While interruptions within conversations occur frequently, the type of interruption can affect the content and flow of the dialogue that follows. For instance, if an interlocutor interrupts a speaker with a totally unrelated question or line of thought, the interruption not only has the potential to frustrate the speaker but can also cause them to lose their train of thought. Interestingly, different people have been found to have unique conversational ‘intensity levels’, where a ‘high-intensity’ speaker perceives interruptions in the form of simultaneous talking as a natural way of showing interest in what the speaker has to say, and a ‘low-intensity’ speaker might find such an interruption rude and distracting, even if it wasn’t the interrupter’s intention to disrupt the conversation. Further, these dynamics can be even more challenging when speaking in a virtual environment, as it can be harder to tell when one person is finished speaking. And by understanding these varying levels of conversational ‘intensity’, advisors can hold more productive client conversations by taking measures to reduce or mitigate the impact of interruptions during client meetings.

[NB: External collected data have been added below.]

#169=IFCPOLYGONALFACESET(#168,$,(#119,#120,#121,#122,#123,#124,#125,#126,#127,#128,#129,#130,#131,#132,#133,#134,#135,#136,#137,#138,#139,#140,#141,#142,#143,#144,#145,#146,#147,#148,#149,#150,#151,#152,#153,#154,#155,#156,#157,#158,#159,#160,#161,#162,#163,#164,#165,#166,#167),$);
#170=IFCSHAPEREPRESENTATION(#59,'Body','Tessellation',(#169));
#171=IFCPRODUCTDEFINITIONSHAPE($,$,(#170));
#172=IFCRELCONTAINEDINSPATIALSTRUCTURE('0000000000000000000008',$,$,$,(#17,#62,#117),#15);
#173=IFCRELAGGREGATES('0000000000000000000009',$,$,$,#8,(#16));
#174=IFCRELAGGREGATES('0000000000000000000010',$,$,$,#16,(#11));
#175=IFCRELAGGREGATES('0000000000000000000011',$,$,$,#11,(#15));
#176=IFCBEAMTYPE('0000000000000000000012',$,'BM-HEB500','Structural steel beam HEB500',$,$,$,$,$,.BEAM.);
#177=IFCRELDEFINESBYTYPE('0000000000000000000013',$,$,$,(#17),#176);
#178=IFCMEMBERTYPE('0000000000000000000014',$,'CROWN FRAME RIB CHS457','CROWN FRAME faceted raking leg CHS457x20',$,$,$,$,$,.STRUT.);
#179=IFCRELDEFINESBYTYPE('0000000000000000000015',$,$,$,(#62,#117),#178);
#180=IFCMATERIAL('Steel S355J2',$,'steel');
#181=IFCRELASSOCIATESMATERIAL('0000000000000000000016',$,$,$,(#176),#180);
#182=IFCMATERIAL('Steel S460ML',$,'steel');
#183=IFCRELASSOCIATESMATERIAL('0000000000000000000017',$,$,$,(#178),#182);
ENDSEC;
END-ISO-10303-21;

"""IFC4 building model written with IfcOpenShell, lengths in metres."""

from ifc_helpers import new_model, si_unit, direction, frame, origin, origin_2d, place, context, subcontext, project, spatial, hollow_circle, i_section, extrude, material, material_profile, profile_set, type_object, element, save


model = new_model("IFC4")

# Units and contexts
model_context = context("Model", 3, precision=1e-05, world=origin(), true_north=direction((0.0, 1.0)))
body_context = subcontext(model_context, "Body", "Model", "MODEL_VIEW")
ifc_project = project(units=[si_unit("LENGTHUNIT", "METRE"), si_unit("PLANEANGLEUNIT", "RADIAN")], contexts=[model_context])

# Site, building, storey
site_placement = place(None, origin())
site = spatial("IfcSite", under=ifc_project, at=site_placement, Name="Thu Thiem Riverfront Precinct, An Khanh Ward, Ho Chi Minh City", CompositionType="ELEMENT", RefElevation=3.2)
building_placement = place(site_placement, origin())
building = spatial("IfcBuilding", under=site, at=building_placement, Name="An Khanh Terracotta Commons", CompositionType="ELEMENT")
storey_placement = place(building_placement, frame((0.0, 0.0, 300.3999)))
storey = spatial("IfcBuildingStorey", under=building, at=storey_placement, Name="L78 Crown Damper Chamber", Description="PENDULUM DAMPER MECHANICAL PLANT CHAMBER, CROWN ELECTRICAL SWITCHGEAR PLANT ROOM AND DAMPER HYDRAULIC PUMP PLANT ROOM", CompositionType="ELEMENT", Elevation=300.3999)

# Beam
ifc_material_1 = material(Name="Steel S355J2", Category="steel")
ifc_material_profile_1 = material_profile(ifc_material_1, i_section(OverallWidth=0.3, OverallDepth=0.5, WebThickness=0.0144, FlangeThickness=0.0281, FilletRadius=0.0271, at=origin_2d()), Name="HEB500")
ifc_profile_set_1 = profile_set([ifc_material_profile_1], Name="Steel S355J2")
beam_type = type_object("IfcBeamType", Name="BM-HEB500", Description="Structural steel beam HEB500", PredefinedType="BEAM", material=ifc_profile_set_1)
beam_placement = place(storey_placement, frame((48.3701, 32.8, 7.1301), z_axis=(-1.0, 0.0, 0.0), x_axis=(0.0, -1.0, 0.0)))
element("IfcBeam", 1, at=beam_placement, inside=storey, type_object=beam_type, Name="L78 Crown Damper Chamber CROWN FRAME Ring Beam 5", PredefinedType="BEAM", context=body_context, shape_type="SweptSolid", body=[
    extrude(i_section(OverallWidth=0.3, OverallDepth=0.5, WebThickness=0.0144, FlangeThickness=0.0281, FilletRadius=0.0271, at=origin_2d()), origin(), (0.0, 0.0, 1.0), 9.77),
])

In financial planning relationships, interruptions by an advisor can be exponentially more impactful due to the fact that prospects and clients tend to be uncomfortable with jargon and feelings of being judged. When a person is interrupted, even when the interruption is made with no ill intent (e.g., because a client’s comment sparks a potential planning opportunity in the advisor’s mind), the conversation can come to a sudden end. Notably, this can work the other way as well, as an advisor might be interrupted by a curious client who is a high-intensity speaker seeking clarification (and not trying to be a jerk!).

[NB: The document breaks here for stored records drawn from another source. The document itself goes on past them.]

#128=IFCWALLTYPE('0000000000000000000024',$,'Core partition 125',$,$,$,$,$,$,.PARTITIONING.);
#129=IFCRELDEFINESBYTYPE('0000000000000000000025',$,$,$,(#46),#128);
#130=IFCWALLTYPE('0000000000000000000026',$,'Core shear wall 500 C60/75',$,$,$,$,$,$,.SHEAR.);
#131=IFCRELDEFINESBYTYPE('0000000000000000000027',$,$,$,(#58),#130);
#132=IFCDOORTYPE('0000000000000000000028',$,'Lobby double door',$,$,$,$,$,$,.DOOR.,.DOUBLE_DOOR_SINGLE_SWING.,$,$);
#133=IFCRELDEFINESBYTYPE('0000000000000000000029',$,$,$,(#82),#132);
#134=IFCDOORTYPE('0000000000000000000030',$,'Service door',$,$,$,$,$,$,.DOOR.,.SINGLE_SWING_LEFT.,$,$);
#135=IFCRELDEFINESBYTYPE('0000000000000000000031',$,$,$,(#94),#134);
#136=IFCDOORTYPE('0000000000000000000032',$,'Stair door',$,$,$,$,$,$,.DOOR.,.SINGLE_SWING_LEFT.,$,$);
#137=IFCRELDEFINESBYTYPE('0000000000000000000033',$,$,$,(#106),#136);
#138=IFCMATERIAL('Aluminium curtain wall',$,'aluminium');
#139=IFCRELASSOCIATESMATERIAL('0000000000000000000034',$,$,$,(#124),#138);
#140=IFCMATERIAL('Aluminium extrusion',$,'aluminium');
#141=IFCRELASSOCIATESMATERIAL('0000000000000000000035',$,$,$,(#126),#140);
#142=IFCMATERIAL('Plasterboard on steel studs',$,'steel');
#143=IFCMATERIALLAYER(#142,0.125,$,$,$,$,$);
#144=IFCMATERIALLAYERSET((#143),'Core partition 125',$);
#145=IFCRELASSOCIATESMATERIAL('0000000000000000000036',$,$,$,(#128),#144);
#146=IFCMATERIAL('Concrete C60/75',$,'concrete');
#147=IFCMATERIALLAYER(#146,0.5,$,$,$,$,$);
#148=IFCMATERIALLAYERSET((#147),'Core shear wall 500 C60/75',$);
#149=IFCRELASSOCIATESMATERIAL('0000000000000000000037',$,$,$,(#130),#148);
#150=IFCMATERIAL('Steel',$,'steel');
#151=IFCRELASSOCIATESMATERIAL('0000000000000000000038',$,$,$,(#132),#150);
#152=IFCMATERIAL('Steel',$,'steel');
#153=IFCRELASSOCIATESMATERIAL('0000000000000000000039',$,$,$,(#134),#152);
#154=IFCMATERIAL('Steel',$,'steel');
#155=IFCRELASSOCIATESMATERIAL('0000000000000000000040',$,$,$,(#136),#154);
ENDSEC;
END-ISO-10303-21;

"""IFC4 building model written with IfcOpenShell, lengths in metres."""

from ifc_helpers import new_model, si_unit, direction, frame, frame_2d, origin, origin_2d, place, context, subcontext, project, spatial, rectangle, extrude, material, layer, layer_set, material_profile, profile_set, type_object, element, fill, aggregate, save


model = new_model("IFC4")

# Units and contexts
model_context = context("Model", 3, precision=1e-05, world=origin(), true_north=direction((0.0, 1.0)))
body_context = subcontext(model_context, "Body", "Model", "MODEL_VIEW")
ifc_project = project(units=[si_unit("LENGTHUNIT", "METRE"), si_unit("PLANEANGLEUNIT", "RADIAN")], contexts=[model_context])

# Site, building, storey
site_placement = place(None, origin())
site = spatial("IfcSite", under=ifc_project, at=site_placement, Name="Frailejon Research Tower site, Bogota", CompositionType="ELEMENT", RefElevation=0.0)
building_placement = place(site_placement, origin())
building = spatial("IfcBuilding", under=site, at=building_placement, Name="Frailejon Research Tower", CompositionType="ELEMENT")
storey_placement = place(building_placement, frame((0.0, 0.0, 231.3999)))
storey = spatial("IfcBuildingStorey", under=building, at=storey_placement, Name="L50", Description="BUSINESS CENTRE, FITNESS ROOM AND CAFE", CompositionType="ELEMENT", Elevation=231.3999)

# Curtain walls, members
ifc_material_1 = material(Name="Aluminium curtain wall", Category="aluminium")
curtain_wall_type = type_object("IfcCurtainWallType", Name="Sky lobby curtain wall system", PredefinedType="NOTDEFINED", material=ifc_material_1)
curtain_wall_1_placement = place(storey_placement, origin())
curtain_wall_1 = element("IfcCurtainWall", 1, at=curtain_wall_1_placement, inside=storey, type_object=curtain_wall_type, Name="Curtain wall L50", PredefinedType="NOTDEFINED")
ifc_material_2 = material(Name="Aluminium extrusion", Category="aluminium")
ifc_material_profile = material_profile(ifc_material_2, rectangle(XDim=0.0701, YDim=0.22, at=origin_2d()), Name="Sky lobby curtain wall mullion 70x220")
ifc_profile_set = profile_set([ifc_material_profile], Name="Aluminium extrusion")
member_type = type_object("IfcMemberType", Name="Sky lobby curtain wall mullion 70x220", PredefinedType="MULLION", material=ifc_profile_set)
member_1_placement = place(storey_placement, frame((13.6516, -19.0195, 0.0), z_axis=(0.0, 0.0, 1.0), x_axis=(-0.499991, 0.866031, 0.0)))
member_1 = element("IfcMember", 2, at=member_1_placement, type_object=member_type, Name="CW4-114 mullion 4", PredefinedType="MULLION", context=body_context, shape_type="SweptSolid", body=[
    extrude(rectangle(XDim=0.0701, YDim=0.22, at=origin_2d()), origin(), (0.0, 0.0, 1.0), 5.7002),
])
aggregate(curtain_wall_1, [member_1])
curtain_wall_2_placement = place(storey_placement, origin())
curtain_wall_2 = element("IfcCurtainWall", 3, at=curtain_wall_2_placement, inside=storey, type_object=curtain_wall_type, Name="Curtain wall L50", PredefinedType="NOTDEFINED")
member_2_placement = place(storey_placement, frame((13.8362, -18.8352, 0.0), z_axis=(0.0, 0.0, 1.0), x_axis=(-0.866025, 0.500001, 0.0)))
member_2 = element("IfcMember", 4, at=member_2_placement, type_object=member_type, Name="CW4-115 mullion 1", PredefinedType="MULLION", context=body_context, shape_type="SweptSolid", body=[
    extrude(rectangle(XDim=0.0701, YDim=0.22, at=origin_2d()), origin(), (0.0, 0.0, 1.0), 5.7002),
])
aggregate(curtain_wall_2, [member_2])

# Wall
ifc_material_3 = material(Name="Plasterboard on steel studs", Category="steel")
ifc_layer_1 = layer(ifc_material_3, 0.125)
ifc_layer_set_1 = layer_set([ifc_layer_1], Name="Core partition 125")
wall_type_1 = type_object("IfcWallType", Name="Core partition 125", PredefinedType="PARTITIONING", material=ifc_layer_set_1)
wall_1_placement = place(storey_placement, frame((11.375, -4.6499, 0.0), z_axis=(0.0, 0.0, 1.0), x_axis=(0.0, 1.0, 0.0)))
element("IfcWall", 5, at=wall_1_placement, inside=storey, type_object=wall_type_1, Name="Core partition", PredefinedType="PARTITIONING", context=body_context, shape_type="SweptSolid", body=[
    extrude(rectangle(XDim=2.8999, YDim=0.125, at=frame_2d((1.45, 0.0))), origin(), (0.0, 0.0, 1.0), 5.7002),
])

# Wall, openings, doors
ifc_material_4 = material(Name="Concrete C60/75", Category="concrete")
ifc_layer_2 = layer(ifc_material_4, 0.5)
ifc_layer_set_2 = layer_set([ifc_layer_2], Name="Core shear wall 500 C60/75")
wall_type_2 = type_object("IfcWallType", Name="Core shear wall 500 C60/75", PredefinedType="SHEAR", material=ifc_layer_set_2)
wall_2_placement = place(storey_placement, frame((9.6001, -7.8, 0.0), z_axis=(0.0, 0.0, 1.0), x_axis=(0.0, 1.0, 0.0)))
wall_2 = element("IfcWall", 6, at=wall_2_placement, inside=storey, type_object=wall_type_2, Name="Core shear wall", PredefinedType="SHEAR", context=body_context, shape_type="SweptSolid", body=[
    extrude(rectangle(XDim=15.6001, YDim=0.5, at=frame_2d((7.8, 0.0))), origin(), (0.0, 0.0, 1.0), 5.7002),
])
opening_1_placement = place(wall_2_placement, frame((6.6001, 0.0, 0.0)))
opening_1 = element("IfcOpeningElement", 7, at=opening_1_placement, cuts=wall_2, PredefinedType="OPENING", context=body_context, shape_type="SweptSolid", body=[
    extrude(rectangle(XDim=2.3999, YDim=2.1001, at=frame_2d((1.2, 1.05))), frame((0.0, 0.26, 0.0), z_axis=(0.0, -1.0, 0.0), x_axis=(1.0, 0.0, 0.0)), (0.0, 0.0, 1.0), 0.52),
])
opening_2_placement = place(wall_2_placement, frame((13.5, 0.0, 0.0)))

One way for advisors to minimize unnecessarily interrupting prospects or clients during meetings is to take notes while their interlocutor is speaking. Using this tactic, the advisor can ensure they remember key facts and potential follow-up questions without interrupting the speaker (another helpful practice is to first ask the client’s permission to take notes before doing so, which can enhance the client’s confidence by giving them some degree of power and control over the meeting). Yet interruptions are sometimes inevitable – whether they are deliberate or not. For inadvertent interruptions, advisors can ‘recover’ simply by apologizing and letting the client know they want them to continue speaking (which also potentially reduces the chances that the advisor comes off as rude to the client). For interruptions that need to be made (e.g., to correct a wrong assumption), advisors can phrase their interjection using “Yes, and…” thinking, which conveys acceptance and agreement instead of contradiction and judgment. Alternatively, simply asking for permission or using body language cues can also buffer the impact of interruptions.

Ultimately, the key point is that given the sensitive and personal nature of conversations related to financial planning, advisors can help prospects and clients feel more understood by avoiding and mitigating interruptions during meetings. And by taking measures to reduce the number of interruptions and conveying they didn’t mean to be rude when interruptions do happen, advisors not only foster more productive conversations but also make their prospects and clients feel more empowered in the process!